UI of Capture Sample app

Using this app, you want to capture various angles of the item. All around, below, and above. I tend to shoot straight forward on the object while it rotates on a turntable. You don’t need a turntable; you can reach in and shift the object between shots. Once I have good coverage, I’ll flip it upside down and get a set of photos at around 45°, again all around the object. You’re aiming for over 40 photos here and the more the better.

After you are done, hook your phone up to your mac and import the photos by going to Finder and selecting your phone. This is the old iTunes interface and you need to select the files tab.

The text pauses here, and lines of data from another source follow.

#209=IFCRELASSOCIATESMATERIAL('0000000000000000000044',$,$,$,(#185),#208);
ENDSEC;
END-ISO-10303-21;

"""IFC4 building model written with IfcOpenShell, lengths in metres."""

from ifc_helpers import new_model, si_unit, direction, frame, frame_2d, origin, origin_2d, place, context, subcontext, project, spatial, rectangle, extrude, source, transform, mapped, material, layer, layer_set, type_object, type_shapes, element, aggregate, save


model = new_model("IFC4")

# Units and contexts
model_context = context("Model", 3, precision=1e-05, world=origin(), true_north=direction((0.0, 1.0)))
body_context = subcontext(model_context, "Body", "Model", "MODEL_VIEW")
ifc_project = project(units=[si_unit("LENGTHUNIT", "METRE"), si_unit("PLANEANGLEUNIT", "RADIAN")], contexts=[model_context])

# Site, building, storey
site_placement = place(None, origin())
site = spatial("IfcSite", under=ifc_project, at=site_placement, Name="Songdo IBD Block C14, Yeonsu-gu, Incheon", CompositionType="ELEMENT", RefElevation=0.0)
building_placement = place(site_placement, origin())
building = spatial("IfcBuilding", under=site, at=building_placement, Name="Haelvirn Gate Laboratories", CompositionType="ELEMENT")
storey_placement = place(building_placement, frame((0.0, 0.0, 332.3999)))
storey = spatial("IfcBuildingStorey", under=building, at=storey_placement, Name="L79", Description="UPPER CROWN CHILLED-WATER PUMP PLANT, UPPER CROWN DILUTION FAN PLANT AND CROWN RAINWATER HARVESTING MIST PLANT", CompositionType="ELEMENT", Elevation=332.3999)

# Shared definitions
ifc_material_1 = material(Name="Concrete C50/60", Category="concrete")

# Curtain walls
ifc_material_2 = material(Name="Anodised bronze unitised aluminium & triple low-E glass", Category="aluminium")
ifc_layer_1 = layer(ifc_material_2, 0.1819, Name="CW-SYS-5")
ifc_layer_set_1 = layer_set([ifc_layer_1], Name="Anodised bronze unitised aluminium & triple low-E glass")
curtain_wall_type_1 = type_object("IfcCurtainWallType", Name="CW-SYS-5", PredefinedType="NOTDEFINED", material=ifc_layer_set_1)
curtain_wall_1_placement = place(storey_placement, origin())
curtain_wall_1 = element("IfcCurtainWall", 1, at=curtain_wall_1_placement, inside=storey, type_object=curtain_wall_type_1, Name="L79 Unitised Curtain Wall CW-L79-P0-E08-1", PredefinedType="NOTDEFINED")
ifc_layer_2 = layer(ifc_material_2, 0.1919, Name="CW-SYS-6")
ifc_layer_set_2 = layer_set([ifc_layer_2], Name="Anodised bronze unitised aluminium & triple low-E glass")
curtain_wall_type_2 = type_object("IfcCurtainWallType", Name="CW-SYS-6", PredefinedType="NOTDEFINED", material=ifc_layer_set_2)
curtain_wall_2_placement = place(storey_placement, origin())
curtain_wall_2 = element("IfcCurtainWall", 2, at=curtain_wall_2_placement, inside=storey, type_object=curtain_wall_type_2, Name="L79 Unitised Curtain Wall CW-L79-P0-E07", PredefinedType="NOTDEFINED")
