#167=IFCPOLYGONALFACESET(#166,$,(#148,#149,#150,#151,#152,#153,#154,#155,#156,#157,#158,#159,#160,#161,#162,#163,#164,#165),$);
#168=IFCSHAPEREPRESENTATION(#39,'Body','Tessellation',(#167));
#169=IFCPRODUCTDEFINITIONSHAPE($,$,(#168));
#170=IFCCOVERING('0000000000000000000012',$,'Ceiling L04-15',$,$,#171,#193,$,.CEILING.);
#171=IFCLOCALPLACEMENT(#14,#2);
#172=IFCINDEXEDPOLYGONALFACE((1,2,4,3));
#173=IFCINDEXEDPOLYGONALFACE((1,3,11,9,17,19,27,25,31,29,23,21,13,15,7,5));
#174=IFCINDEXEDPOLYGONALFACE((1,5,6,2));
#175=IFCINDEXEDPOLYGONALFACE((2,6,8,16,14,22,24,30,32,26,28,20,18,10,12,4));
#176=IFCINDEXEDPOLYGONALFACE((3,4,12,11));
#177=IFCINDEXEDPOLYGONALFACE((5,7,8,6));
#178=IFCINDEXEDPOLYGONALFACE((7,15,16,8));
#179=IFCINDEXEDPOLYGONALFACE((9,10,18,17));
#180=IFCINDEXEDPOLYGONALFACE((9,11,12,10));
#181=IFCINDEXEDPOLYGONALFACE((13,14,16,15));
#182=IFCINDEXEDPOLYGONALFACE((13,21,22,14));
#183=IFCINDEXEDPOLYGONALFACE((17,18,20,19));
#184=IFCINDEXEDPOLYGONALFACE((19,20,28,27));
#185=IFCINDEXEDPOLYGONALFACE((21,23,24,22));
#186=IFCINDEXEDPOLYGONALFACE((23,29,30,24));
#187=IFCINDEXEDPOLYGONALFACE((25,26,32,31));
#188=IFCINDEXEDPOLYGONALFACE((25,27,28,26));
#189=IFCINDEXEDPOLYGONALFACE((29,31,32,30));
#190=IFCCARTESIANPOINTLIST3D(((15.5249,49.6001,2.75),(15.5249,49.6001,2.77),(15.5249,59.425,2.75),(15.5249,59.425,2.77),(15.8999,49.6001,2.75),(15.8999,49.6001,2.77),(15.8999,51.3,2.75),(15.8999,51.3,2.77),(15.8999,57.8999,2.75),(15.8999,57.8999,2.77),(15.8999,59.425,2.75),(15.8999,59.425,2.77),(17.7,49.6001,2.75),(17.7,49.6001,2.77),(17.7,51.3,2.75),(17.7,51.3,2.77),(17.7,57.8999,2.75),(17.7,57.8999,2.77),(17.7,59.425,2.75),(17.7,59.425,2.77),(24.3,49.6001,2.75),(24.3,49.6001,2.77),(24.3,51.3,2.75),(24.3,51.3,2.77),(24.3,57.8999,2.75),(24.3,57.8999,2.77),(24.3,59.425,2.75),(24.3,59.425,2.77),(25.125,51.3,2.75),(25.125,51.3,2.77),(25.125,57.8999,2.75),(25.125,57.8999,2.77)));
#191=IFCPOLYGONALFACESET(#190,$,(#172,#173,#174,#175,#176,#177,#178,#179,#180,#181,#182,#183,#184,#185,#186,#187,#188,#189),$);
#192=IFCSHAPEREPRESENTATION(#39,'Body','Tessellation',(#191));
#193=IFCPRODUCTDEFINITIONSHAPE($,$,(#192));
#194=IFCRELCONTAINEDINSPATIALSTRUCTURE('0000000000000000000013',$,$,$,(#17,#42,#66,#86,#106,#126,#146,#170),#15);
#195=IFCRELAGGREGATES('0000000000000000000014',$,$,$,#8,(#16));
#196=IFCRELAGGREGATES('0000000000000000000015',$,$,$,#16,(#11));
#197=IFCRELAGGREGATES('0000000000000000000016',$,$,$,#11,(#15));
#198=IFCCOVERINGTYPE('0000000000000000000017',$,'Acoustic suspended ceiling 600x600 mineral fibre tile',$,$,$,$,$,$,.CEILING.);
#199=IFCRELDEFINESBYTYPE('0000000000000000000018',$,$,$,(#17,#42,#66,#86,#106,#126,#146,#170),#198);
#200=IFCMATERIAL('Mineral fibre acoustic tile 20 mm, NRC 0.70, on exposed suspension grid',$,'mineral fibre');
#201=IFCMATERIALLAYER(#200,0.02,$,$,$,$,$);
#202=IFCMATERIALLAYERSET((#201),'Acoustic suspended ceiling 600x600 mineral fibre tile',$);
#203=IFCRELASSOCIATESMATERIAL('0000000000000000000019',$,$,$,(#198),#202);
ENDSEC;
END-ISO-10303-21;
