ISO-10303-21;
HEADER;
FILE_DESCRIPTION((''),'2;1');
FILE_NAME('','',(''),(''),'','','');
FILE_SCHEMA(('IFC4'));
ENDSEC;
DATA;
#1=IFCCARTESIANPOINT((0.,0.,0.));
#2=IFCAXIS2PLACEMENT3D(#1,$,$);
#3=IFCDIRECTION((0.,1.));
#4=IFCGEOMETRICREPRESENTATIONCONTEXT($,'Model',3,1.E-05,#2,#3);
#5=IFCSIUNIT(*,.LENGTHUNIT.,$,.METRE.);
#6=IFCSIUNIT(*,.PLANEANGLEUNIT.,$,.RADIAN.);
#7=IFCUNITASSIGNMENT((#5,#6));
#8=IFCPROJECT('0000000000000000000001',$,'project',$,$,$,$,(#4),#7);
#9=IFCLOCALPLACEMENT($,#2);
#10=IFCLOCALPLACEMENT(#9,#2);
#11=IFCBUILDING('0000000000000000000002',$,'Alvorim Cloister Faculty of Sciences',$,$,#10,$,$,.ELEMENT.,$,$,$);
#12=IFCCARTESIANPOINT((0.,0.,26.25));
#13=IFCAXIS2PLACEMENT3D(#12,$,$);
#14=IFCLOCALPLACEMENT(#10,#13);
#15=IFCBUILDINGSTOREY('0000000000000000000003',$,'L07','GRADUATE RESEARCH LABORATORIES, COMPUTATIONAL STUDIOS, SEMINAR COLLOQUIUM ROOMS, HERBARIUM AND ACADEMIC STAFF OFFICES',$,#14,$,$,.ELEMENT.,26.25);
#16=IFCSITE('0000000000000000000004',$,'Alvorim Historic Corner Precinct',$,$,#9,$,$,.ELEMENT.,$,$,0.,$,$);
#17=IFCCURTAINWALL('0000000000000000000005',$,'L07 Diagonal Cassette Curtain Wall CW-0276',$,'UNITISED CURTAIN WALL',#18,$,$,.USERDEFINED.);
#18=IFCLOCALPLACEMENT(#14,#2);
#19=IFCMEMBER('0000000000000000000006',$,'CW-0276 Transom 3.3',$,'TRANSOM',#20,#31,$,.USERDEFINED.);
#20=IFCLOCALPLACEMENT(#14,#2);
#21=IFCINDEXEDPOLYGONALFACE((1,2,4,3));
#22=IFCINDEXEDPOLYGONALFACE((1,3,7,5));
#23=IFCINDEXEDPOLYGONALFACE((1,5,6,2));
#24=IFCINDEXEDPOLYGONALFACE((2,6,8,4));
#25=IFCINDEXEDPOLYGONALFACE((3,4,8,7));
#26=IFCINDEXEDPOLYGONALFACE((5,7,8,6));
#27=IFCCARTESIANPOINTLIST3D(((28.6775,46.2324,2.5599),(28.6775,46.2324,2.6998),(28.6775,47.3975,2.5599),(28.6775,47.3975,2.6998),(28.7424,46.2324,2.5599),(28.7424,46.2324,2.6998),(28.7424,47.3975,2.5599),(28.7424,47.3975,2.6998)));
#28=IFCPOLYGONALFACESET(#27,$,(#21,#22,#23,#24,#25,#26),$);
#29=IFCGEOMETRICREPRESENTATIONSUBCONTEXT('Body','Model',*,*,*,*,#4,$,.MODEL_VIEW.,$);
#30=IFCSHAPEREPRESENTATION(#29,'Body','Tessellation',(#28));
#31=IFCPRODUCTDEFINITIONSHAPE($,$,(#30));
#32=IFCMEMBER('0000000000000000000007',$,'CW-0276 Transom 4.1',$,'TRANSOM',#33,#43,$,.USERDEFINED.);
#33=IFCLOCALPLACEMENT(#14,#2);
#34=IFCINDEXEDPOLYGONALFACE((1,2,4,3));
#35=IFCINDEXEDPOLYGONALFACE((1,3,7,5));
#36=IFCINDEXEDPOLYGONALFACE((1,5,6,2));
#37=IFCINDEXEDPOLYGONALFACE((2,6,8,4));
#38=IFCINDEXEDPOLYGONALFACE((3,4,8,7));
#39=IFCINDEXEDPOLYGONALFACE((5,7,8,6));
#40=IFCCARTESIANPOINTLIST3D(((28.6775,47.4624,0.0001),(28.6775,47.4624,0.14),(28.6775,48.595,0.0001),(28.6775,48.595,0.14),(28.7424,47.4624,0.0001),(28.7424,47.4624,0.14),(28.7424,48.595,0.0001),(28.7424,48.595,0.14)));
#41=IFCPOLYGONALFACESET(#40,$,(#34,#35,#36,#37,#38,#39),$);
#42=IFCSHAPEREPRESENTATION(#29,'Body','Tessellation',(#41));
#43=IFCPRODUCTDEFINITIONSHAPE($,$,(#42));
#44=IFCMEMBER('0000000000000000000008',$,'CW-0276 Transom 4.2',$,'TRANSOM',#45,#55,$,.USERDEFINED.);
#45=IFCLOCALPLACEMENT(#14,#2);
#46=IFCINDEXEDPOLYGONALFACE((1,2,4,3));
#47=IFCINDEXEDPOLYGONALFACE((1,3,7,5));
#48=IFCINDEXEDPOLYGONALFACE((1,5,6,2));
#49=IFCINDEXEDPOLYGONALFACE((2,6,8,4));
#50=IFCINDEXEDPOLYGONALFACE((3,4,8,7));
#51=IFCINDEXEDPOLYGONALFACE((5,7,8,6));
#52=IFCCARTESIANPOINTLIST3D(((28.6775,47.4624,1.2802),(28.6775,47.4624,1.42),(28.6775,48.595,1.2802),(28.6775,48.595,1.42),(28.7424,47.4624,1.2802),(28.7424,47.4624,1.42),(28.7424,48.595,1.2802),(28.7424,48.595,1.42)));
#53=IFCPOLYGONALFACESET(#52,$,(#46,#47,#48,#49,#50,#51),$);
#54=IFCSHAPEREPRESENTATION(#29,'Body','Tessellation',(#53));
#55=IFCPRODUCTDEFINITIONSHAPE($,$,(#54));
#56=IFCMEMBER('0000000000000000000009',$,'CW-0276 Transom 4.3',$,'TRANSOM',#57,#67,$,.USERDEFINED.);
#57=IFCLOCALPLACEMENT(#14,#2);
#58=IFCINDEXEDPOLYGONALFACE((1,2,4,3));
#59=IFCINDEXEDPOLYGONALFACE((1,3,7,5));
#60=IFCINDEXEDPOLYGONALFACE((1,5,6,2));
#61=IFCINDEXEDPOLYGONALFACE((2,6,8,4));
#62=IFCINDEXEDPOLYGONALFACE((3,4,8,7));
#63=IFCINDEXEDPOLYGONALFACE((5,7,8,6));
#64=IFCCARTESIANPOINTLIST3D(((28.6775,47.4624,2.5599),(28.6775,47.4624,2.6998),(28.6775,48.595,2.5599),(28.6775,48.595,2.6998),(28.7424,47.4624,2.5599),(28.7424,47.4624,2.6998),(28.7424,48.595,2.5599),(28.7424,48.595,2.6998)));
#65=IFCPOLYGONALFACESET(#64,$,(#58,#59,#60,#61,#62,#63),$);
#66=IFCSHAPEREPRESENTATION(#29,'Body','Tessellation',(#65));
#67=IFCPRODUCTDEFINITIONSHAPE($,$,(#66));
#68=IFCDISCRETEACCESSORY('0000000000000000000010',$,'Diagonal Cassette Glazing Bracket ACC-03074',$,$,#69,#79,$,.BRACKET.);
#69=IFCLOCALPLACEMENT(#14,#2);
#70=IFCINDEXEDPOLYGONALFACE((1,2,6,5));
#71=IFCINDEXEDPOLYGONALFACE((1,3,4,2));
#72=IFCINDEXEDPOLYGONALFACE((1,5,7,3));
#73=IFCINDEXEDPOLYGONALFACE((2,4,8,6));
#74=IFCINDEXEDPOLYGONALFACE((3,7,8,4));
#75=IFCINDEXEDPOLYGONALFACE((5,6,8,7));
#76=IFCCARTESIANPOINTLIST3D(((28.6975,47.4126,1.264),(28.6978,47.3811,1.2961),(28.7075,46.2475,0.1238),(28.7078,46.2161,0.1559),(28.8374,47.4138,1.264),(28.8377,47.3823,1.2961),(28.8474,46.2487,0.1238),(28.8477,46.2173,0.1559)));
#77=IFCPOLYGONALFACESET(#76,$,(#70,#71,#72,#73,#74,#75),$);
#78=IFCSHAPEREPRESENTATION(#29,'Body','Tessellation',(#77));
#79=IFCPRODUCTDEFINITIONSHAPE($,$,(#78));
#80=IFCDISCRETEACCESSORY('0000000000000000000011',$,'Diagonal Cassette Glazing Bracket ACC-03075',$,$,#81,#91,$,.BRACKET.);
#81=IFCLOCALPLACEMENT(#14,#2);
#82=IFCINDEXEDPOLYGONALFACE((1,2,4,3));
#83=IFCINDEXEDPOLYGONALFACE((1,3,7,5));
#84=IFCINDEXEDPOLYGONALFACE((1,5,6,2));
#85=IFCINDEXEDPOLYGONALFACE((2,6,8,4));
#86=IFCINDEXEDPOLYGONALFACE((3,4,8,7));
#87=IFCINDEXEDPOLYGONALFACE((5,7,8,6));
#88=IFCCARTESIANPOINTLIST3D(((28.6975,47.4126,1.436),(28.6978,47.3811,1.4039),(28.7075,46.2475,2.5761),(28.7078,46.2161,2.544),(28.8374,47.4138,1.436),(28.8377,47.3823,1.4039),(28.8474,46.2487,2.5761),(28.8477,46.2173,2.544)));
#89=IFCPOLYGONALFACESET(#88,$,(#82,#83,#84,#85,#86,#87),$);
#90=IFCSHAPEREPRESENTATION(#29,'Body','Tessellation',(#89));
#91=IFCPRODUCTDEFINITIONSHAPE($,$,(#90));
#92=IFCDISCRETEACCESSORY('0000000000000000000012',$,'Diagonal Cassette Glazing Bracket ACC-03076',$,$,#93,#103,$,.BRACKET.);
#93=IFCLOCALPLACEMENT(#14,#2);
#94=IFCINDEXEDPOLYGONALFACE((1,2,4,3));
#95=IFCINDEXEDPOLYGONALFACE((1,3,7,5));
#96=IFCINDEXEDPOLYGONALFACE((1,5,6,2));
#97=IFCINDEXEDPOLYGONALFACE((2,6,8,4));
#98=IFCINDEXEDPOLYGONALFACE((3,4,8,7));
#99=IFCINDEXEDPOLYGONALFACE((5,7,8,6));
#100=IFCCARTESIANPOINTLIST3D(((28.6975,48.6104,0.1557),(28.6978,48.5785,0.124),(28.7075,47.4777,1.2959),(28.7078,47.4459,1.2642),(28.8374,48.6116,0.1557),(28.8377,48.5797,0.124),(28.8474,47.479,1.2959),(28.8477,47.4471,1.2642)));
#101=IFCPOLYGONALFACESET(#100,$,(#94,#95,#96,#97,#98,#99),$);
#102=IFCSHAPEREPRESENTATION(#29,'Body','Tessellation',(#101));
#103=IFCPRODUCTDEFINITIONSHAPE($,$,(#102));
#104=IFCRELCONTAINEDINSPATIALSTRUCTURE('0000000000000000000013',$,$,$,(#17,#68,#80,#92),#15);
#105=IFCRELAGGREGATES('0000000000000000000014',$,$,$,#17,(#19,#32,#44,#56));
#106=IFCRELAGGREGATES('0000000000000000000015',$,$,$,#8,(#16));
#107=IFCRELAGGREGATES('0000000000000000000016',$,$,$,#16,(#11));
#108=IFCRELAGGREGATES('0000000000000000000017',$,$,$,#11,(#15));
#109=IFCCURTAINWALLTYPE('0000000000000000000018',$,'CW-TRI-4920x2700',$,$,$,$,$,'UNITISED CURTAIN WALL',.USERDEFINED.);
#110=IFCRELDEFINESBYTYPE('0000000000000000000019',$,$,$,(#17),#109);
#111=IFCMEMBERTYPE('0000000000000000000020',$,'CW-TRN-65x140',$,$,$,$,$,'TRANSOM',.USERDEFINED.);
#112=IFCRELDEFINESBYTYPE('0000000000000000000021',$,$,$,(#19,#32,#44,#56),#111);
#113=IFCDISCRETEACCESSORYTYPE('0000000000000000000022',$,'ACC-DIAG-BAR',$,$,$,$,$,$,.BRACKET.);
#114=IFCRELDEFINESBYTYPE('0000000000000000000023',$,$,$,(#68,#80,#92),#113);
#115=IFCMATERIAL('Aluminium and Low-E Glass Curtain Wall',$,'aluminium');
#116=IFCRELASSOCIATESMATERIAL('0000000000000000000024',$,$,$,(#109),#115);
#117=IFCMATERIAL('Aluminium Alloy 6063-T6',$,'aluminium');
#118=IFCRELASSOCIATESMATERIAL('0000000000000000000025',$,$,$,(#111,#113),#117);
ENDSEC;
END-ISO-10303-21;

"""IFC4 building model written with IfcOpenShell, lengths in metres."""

from ifc_helpers import new_model, si_unit, direction, frame, origin, origin_2d, place, context, subcontext, project, spatial, rectangle, extrude, material, material_profile, profile_set, type_object, element, aggregate, save


model = new_model("IFC4")

# Units and contexts
model_context = context("Model", 3, precision=1e-05, world=origin(), true_north=direction((0.0, 1.0)))
body_context = subcontext(model_context, "Body", "Model", "MODEL_VIEW")
ifc_project = project(units=[si_unit("LENGTHUNIT", "METRE"), si_unit("PLANEANGLEUNIT", "RADIAN")], contexts=[model_context])

# Site, building, storey
site_placement = place(None, origin())
site = spatial("IfcSite", under=ifc_project, at=site_placement, Name="Alvorim Historic Corner Precinct", CompositionType="ELEMENT", RefElevation=0.0)
building_placement = place(site_placement, origin())
building = spatial("IfcBuilding", under=site, at=building_placement, Name="Alvorim Cloister Faculty of Sciences", CompositionType="ELEMENT")
storey_placement = place(building_placement, frame((0.0, 0.0, 26.25)))
storey = spatial("IfcBuildingStorey", under=building, at=storey_placement, Name="L07", Description="GRADUATE RESEARCH LABORATORIES, COMPUTATIONAL STUDIOS, SEMINAR COLLOQUIUM ROOMS, HERBARIUM AND ACADEMIC STAFF OFFICES", CompositionType="ELEMENT", Elevation=26.25)

# Curtain wall
ifc_material_1 = material(Name="Aluminium and Low-E Glass Curtain Wall", Category="aluminium")
ifc_material_2 = material(Name="Aluminium Alloy 6063-T6", Category="aluminium")
curtain_wall_type_1 = type_object("IfcCurtainWallType", Name="CW-TRI-4920x2700", ElementType="UNITISED CURTAIN WALL", PredefinedType="USERDEFINED", material=ifc_material_1)
curtain_wall_1_placement = place(storey_placement, origin())
curtain_wall_1 = element("IfcCurtainWall", 1, at=curtain_wall_1_placement, inside=storey, type_object=curtain_wall_type_1, Name="L07 Diagonal Cassette Curtain Wall CW-0276", ObjectType="UNITISED CURTAIN WALL", PredefinedType="USERDEFINED")

# Members
ifc_material_profile_1 = material_profile(ifc_material_2, rectangle(XDim=0.0649, YDim=0.1399, at=origin_2d()), Name="ALU-TRN-65x140")
ifc_profile_set_1 = profile_set([ifc_material_profile_1], Name="Aluminium Alloy 6063-T6")
member_type_1 = type_object("IfcMemberType", Name="CW-TRN-65x140", ElementType="TRANSOM", PredefinedType="USERDEFINED", material=ifc_profile_set_1)
member_1_placement = place(storey_placement, frame((28.71, 46.2324, 2.6299), z_axis=(0.0, 1.0, 0.0), x_axis=(-1.0, 0.0, 0.0)))
member_1 = element("IfcMember", 2, at=member_1_placement, type_object=member_type_1, Name="CW-0276 Transom 3.3", ObjectType="TRANSOM", PredefinedType="USERDEFINED", context=body_context, shape_type="SweptSolid", body=[
    extrude(rectangle(XDim=0.0649, YDim=0.1399, at=origin_2d()), origin(), (0.0, 0.0, 1.0), 1.165),
])
member_2_placement = place(storey_placement, frame((28.71, 47.4624, 0.0701), z_axis=(0.0, 1.0, 0.0), x_axis=(-1.0, 0.0, 0.0)))
member_2 = element("IfcMember", 3, at=member_2_placement, type_object=member_type_1, Name="CW-0276 Transom 4.1", ObjectType="TRANSOM", PredefinedType="USERDEFINED", context=body_context, shape_type="SweptSolid", body=[
    extrude(rectangle(XDim=0.0649, YDim=0.1399, at=origin_2d()), origin(), (0.0, 0.0, 1.0), 1.1326),
])
member_3_placement = place(storey_placement, frame((28.71, 47.4624, 1.3501), z_axis=(0.0, 1.0, 0.0), x_axis=(-1.0, 0.0, 0.0)))
member_3 = element("IfcMember", 4, at=member_3_placement, type_object=member_type_1, Name="CW-0276 Transom 4.2", ObjectType="TRANSOM", PredefinedType="USERDEFINED", context=body_context, shape_type="SweptSolid", body=[
    extrude(rectangle(XDim=0.0649, YDim=0.1399, at=origin_2d()), origin(), (0.0, 0.0, 1.0), 1.1326),
])
member_4_placement = place(storey_placement, frame((28.71, 47.4624, 2.6299), z_axis=(0.0, 1.0, 0.0), x_axis=(-1.0, 0.0, 0.0)))
member_4 = element("IfcMember", 5, at=member_4_placement, type_object=member_type_1, Name="CW-0276 Transom 4.3", ObjectType="TRANSOM", PredefinedType="USERDEFINED", context=body_context, shape_type="SweptSolid", body=[
    extrude(rectangle(XDim=0.0649, YDim=0.1399, at=origin_2d()), origin(), (0.0, 0.0, 1.0), 1.1326),
])
aggregate(curtain_wall_1, [member_1, member_2, member_3, member_4])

In the list should be the sample app and a folder named “Captures”. Drag that to your Desktop or wherever. Within this folder is a set of subfolders that contain your photos and the gravity files.

a finder window of photos

Mac Command Line App

Apple released the ability to convert those photos into 3D assets as library for MacOS meaning that it’s not an app like Reality Converter but intended for developers to create their own apps for importing and editing of the parameters for creation. If you want to skip having to download Apple’s source and running it through a command line application, there are plenty of apps on the Mac app store which are a GUI for this very functionality.

If you do want to forge forward, the source code is here. From here, build the app and get the app from under Products. ⌥ + click on the product to reveal in Finder and that’s your binary. Drag this into whatever folder you want to operate from.

A screen shot of xcode's product list

Bringing It All Together

You have the photos and you have the command line mac app. It’s time to make a 3D asset. Navigate to your folder containing the mac command line application and your assets. You’ll need to type in ./HelloPhotogrammetry path/to/your/folder path/to/your/output/file.usdz. After a bit of time, you should have a file that resembles your object in real life.

a 3d asset of a mug

From here, you can use the asset in Xcode or send it to a friend via messages. iOS has native usdz viewing so it will display and even be placed in the user’s space when they open it.

Baby Steps

That was a lot of work and the process really becomes arduous if you were, let’s say, cataloging more than 5 items at a time. But this is the first step and it’s bound to get better. Increased utilization of hardware, more refined data, better image capture, etc… These are all reasons to believe that it’s going to get better from here.

What I’d like to see is this happening on mobile devices and with video buffer frames instead of photos taken at an interval but if you look forward to glasses or whatever, it’s a matter of time before it starts to get just as easy as snapping a photo with your phone is today.